The PO that slipped while everyone was busy
Picture a buyer at a 120-person manufacturer on a Tuesday. She has 60-some open purchase orders. Most are fine. But PO 4471 was promised for the 14th, a partial shipment arrived on the 9th covering 40% of the line, the supplier's last email said "rest to follow shortly," and nobody has touched it since. The first anyone hears about the gap is when the floor runs short and a production order stalls. The follow-up didn't fail because the buyer is bad at her job. It failed because purchase-order follow-up is a watching problem, and humans don't watch 60 things evenly.
That is the real question underneath "Copilot or custom AI" for PO follow-up. It isn't whether AI can write a status-request email — it obviously can. It's whether the thing you're buying actually notices the PO that's quietly drifting toward a stockout, or whether it just makes you faster at the ones you already remembered to chase. RSM's middle-market AI survey shows plenty of companies this size adopting AI; far fewer are using it to change an operating cadence rather than to draft text faster. PO follow-up is squarely an operating-cadence problem.
Two tools, two different jobs
Microsoft 365 Copilot is genuinely good at the part your buyer is already doing. Drop it on a tangled supplier email thread and it'll summarize where the commitment landed, draft a status request in her voice, and pull the relevant context from her mailbox and the attached PO. Because it works inside her permissioned Microsoft 365 content — the email, the SharePoint files she can already see — the privacy and data boundary stays clean and the architecture doesn't require you to wire anything new together. If your bottleneck is "my buyers spend too long rereading threads and rewriting the same email," Copilot is the cheaper, faster answer. Don't overbuild.
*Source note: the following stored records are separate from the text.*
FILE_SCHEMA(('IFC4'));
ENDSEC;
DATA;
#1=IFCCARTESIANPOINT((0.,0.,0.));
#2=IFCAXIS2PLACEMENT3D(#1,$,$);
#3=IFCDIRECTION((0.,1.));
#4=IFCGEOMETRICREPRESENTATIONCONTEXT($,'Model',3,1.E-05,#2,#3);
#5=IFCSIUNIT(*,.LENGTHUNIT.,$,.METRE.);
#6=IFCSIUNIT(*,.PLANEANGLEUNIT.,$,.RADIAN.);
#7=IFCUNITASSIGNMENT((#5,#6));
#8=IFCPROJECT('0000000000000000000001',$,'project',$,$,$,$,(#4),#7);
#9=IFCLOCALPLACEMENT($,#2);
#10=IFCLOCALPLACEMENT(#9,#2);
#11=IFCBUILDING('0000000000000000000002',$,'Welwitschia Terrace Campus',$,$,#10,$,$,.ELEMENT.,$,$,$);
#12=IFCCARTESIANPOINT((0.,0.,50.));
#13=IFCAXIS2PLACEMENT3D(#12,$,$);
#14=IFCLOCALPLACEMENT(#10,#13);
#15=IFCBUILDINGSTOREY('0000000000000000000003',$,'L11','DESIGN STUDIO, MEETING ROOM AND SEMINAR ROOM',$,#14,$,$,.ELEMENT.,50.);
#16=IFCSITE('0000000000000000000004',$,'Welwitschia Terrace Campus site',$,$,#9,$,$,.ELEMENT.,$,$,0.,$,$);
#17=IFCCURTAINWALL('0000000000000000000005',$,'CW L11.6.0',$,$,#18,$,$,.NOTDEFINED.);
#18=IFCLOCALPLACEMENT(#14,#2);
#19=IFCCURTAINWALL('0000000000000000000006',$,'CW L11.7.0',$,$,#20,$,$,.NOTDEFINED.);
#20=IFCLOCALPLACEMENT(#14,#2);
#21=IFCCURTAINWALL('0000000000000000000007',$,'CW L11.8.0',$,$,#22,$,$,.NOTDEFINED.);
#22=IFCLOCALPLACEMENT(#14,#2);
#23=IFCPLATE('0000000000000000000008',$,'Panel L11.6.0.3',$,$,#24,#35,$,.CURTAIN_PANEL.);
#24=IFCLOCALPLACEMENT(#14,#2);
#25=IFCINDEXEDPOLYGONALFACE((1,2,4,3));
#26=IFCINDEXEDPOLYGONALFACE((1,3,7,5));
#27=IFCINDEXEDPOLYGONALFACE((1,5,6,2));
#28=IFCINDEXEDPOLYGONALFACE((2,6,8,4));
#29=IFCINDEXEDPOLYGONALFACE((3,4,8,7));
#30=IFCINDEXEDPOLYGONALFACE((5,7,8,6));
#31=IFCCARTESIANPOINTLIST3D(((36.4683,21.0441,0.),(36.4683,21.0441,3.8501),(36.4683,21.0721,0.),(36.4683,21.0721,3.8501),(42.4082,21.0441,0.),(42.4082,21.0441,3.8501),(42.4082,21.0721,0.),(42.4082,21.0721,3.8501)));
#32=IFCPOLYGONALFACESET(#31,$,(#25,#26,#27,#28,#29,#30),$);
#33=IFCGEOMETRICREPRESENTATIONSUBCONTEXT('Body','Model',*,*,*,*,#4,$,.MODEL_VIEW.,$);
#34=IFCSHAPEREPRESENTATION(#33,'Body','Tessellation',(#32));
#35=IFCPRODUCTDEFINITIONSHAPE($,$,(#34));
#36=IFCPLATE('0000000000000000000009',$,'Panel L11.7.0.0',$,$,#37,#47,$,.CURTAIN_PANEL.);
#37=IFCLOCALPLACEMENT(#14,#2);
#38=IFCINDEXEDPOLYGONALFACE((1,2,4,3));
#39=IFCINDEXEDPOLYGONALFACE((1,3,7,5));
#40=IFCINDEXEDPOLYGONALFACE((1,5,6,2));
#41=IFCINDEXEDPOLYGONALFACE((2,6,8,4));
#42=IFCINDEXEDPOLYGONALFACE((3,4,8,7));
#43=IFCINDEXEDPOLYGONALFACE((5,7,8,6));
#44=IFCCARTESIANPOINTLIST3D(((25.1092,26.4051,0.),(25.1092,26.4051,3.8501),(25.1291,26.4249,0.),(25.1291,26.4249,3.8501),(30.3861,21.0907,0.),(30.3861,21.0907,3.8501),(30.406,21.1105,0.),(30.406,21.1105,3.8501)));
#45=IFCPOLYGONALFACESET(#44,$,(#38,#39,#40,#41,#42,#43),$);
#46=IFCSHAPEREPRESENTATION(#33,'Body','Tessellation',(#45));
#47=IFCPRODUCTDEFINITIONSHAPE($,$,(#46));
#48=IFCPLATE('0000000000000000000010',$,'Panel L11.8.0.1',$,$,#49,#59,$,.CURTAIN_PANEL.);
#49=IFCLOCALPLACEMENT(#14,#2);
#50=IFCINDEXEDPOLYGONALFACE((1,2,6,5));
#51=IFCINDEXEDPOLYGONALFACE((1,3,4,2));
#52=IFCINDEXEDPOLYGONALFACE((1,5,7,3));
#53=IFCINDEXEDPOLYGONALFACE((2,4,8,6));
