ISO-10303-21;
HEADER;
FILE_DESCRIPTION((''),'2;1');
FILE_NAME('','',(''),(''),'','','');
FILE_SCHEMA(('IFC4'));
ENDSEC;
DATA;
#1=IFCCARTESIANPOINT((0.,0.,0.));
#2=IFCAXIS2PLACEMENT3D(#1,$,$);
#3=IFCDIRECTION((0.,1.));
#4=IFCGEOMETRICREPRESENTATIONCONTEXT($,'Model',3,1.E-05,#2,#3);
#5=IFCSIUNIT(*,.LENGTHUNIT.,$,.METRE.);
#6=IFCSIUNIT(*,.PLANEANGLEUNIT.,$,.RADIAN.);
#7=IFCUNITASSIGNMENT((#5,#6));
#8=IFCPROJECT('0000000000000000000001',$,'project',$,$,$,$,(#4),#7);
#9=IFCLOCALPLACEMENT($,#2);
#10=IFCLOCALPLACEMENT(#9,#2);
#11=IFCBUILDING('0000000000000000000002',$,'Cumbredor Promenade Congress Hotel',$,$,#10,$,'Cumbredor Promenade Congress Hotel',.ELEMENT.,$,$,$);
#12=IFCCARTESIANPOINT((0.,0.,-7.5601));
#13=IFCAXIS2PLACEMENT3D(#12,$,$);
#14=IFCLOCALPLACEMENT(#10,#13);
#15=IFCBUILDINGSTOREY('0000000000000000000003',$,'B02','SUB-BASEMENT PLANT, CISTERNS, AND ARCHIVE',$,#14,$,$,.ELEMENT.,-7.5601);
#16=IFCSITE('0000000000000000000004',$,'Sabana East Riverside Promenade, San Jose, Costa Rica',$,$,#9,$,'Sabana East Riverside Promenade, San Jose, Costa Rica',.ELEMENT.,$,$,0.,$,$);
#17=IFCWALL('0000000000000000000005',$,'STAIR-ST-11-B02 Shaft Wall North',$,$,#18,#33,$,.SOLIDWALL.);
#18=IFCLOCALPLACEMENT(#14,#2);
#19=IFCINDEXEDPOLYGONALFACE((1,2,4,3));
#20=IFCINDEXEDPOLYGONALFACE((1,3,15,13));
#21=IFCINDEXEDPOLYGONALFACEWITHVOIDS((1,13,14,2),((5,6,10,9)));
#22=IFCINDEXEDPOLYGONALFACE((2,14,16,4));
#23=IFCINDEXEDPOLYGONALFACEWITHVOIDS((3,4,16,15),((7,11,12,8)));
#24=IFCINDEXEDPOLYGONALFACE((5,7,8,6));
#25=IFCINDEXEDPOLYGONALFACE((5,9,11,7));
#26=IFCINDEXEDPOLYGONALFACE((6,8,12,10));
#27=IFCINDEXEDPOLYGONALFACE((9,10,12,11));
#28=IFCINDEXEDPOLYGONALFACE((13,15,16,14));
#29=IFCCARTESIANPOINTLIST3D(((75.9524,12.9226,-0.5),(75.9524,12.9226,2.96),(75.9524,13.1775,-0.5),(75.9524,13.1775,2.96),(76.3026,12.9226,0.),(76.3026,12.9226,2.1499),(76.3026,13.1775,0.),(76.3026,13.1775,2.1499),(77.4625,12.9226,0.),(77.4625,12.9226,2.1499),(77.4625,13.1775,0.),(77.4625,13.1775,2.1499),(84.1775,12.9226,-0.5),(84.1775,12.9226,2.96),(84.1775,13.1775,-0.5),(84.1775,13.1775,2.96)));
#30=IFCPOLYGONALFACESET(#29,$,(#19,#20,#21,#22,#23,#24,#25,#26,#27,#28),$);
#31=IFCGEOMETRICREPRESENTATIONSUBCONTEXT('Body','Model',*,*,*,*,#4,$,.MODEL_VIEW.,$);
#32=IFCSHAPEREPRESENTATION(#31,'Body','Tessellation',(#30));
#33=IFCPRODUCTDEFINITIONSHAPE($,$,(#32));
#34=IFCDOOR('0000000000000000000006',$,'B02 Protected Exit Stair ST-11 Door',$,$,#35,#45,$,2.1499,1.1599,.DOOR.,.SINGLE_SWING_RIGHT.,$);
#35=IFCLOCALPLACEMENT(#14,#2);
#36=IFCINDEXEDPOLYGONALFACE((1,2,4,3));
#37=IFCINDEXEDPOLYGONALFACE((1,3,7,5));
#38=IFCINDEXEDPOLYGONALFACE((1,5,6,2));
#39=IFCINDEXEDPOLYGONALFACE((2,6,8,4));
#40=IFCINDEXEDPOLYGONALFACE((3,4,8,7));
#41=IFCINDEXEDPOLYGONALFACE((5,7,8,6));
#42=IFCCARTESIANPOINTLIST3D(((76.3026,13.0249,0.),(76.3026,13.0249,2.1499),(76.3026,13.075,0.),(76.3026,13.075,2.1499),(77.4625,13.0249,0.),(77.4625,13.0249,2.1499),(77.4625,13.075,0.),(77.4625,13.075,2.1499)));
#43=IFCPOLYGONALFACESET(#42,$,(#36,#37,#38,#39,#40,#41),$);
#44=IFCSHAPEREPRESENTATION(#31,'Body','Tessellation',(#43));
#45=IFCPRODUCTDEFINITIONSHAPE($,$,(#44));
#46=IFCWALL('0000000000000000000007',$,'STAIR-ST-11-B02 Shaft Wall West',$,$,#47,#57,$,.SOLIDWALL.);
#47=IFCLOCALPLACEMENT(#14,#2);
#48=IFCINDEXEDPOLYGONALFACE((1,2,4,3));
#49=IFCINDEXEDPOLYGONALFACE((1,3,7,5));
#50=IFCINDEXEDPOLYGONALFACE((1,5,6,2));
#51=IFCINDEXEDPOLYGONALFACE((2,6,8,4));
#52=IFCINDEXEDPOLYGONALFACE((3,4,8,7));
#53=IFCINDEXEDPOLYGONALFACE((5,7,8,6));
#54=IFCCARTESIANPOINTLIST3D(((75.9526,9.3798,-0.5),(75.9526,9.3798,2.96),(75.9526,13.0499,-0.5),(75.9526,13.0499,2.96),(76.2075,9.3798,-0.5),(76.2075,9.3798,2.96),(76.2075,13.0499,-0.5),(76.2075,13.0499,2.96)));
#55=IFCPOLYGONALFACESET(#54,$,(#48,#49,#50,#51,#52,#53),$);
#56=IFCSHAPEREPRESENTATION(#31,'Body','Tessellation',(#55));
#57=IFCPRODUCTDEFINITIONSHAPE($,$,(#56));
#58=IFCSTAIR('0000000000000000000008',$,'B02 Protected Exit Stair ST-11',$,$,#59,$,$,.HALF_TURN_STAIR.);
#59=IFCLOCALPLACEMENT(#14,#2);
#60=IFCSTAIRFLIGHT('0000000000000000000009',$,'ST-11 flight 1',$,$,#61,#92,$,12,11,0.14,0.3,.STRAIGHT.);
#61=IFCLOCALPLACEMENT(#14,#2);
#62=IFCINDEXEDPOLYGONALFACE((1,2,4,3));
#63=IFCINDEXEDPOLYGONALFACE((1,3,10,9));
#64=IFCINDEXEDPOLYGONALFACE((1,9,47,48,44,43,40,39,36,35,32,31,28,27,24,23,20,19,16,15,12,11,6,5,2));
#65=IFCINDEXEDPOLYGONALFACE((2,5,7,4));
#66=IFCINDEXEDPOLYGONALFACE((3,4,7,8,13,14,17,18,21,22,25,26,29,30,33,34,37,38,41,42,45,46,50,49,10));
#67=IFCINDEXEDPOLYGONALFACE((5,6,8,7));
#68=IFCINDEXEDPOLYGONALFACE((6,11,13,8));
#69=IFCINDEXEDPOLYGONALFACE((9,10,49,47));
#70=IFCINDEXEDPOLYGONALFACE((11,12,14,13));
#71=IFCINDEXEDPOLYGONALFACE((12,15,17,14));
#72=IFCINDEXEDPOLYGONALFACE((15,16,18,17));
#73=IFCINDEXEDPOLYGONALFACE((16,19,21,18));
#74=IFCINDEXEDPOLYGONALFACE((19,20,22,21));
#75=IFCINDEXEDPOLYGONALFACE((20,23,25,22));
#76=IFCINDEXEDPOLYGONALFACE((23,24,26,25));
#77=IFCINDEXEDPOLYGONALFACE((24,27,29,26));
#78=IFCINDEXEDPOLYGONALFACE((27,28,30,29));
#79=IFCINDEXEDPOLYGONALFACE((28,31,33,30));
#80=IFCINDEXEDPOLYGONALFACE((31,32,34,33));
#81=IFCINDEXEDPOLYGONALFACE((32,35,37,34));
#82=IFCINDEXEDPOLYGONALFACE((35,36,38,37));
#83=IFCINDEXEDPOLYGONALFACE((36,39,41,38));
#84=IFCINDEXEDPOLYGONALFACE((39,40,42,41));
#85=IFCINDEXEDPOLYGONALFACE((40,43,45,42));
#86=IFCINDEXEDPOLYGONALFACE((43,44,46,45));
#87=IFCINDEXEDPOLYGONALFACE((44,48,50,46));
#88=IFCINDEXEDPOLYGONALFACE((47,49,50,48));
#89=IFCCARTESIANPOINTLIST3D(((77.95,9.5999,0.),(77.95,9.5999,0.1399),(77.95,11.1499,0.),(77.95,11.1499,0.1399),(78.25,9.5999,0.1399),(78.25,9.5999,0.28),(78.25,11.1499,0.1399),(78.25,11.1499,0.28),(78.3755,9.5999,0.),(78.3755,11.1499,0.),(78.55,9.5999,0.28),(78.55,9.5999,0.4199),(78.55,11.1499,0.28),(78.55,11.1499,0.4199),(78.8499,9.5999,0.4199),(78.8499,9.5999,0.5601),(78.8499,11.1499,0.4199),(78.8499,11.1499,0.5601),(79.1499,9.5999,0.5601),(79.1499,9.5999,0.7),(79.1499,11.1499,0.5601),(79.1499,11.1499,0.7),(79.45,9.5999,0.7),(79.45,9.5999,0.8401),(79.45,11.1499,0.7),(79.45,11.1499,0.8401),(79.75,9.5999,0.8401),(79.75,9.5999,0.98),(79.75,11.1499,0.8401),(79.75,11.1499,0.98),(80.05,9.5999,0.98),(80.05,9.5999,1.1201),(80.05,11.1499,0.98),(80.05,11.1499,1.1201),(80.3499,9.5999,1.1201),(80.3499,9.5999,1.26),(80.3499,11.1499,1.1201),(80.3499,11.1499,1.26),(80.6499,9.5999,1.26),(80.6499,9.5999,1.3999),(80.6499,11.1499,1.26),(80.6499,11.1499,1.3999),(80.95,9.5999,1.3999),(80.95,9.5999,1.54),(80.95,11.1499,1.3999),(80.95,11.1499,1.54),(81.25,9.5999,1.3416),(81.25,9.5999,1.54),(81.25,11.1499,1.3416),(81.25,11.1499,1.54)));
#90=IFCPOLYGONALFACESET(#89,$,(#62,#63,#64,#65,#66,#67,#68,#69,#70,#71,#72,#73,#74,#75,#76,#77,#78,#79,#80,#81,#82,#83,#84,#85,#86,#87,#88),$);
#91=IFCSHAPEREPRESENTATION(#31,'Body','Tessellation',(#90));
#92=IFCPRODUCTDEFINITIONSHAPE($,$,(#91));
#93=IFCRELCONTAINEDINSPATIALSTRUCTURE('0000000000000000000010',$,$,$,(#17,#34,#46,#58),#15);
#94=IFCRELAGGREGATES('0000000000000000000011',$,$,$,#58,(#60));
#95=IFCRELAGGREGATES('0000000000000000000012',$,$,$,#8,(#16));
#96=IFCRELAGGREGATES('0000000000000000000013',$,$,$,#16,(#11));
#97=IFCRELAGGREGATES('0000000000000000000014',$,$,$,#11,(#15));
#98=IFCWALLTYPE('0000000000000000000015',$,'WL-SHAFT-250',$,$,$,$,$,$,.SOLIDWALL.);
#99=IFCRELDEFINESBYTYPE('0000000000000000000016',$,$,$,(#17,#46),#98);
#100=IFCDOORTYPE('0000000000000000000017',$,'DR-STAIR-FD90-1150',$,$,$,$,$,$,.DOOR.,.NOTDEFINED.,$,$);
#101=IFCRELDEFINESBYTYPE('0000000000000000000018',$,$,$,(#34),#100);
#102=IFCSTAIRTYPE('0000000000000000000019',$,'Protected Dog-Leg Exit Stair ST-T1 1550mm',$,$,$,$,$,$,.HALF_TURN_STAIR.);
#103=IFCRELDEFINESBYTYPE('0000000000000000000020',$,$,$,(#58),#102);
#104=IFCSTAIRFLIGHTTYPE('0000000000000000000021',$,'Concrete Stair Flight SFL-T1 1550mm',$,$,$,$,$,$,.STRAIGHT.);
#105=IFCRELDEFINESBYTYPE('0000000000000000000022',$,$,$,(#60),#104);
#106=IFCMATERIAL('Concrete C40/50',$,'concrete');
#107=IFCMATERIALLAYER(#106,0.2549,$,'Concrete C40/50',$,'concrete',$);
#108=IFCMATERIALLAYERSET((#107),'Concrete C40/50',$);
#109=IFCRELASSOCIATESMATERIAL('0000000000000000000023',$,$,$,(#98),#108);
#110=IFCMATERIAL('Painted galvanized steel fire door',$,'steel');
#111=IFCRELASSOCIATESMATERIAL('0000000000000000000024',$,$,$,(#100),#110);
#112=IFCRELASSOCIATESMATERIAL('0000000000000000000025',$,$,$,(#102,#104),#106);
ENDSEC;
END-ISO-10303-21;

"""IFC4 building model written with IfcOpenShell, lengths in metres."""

from ifc_helpers import new_model, si_unit, direction, frame, frame_2d, origin, place, context, subcontext, project, spatial, polyline, rectangle, outline, extrude, material, layer, layer_set, type_object, element, fill, aggregate, save


model = new_model("IFC4")

# Units and contexts
model_context = context("Model", 3, precision=1e-05, world=origin(), true_north=direction((0.0, 1.0)))
body_context = subcontext(model_context, "Body", "Model", "MODEL_VIEW")
ifc_project = project(units=[si_unit("LENGTHUNIT", "METRE"), si_unit("PLANEANGLEUNIT", "RADIAN")], contexts=[model_context])

# Site, building, storey
site_placement = place(None, origin())
site = spatial("IfcSite", under=ifc_project, at=site_placement, Name="Sabana East Riverside Promenade, San Jose, Costa Rica", LongName="Sabana East Riverside Promenade, San Jose, Costa Rica", CompositionType="ELEMENT", RefElevation=0.0)
building_placement = place(site_placement, origin())
building = spatial("IfcBuilding", under=site, at=building_placement, Name="Cumbredor Promenade Congress Hotel", LongName="Cumbredor Promenade Congress Hotel", CompositionType="ELEMENT")
storey_placement = place(building_placement, frame((0.0, 0.0, -7.5601)))
storey = spatial("IfcBuildingStorey", under=building, at=storey_placement, Name="B02", Description="SUB-BASEMENT PLANT, CISTERNS, AND ARCHIVE", CompositionType="ELEMENT", Elevation=-7.5601)

# Shared definitions
ifc_material_1 = material(Name="Concrete C40/50", Category="concrete")

# Shared definitions
ifc_layer_1 = layer(ifc_material_1, 0.2549, Name="Concrete C40/50", Category="concrete")
ifc_layer_set_1 = layer_set([ifc_layer_1], Name="Concrete C40/50")
wall_type_1 = type_object("IfcWallType", Name="WL-SHAFT-250", PredefinedType="SOLIDWALL", material=ifc_layer_set_1)

# Wall, opening, door
wall_1_placement = place(storey_placement, frame((75.9524, 13.05, -0.5), z_axis=(0.0, 0.0, 1.0), x_axis=(1.0, 0.0, 0.0)))
wall_1 = element("IfcWall", 1, at=wall_1_placement, inside=storey, type_object=wall_type_1, Name="STAIR-ST-11-B02 Shaft Wall North", PredefinedType="SOLIDWALL", context=body_context, shape_type="SweptSolid", body=[
    extrude(rectangle(XDim=8.2251, YDim=0.2549, at=frame_2d((4.1125, 0.0))), origin(), (0.0, 0.0, 1.0), 3.46),
])
opening_1_placement = place(wall_1_placement, frame((0.3501, 0.0, 0.5)))
opening_1 = element("IfcOpeningElement", 2, at=opening_1_placement, cuts=wall_1, PredefinedType="OPENING", context=body_context, shape_type="SweptSolid", body=[
    extrude(rectangle(XDim=1.1599, YDim=2.1499, at=frame_2d((0.5801, 1.075))), frame((0.0, 0.1375, 0.0), z_axis=(0.0, -1.0, 0.0), x_axis=(1.0, 0.0, 0.0)), (0.0, 0.0, 1.0), 0.2749),
])
ifc_material_2 = material(Name="Painted galvanized steel fire door", Category="steel")
door_type_1 = type_object("IfcDoorType", Name="DR-STAIR-FD90-1150", OperationType="NOTDEFINED", PredefinedType="DOOR", material=ifc_material_2)
door_1_placement = place(opening_1_placement, origin())
door_1 = element("IfcDoor", 3, at=door_1_placement, inside=storey, type_object=door_type_1, Name="B02 Protected Exit Stair ST-11 Door", OperationType="SINGLE_SWING_RIGHT", OverallHeight=2.1499, OverallWidth=1.1599, PredefinedType="DOOR", context=body_context, shape_type="SweptSolid", body=[
    extrude(rectangle(XDim=1.1599, YDim=2.1499, at=frame_2d((0.5801, 1.075))), frame((0.0, 0.0249, 0.0), z_axis=(0.0, -1.0, 0.0), x_axis=(1.0, 0.0, 0.0)), (0.0, 0.0, 1.0), 0.05),
])
fill(opening_1, door_1)

# Wall
wall_2_placement = place(storey_placement, frame((76.0801, 9.3799, -0.5), z_axis=(0.0, 0.0, 1.0), x_axis=(0.0, 1.0, 0.0)))
element("IfcWall", 4, at=wall_2_placement, inside=storey, type_object=wall_type_1, Name="STAIR-ST-11-B02 Shaft Wall West", PredefinedType="SOLIDWALL", context=body_context, shape_type="SweptSolid", body=[
    extrude(rectangle(XDim=3.6702, YDim=0.2549, at=frame_2d((1.835, 0.0))), origin(), (0.0, 0.0, 1.0), 3.46),
])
But Copilot has a structural blind spot for this workflow: it acts when she asks. It does not sit on the PO ledger overnight watching for the order that crossed its promised date with no receipt and no supplier reply. That's the custom-workflow job. A purpose-built workflow polls open POs against your ERP, flags the line that's aging past its commitment, spots the partial receipt that never got its balance, queues the exceptions in priority order, sends the approved follow-up, and writes the status back so the next buyer isn't reconstructing it from scratch. That reach across systems is exactly why governance stops being optional: supplier pricing, inventory positions, and purchasing records now move between tools, so CISA's data-security practices govern the pipes and the NIST AI Risk Management Framework sets where the system acts on its own versus where it must hand a buyer the decision. A workflow that emails a supplier "where's the rest of PO 4471" is fine to automate. One that changes a promised date in the ERP is not — that's a human approval, every time.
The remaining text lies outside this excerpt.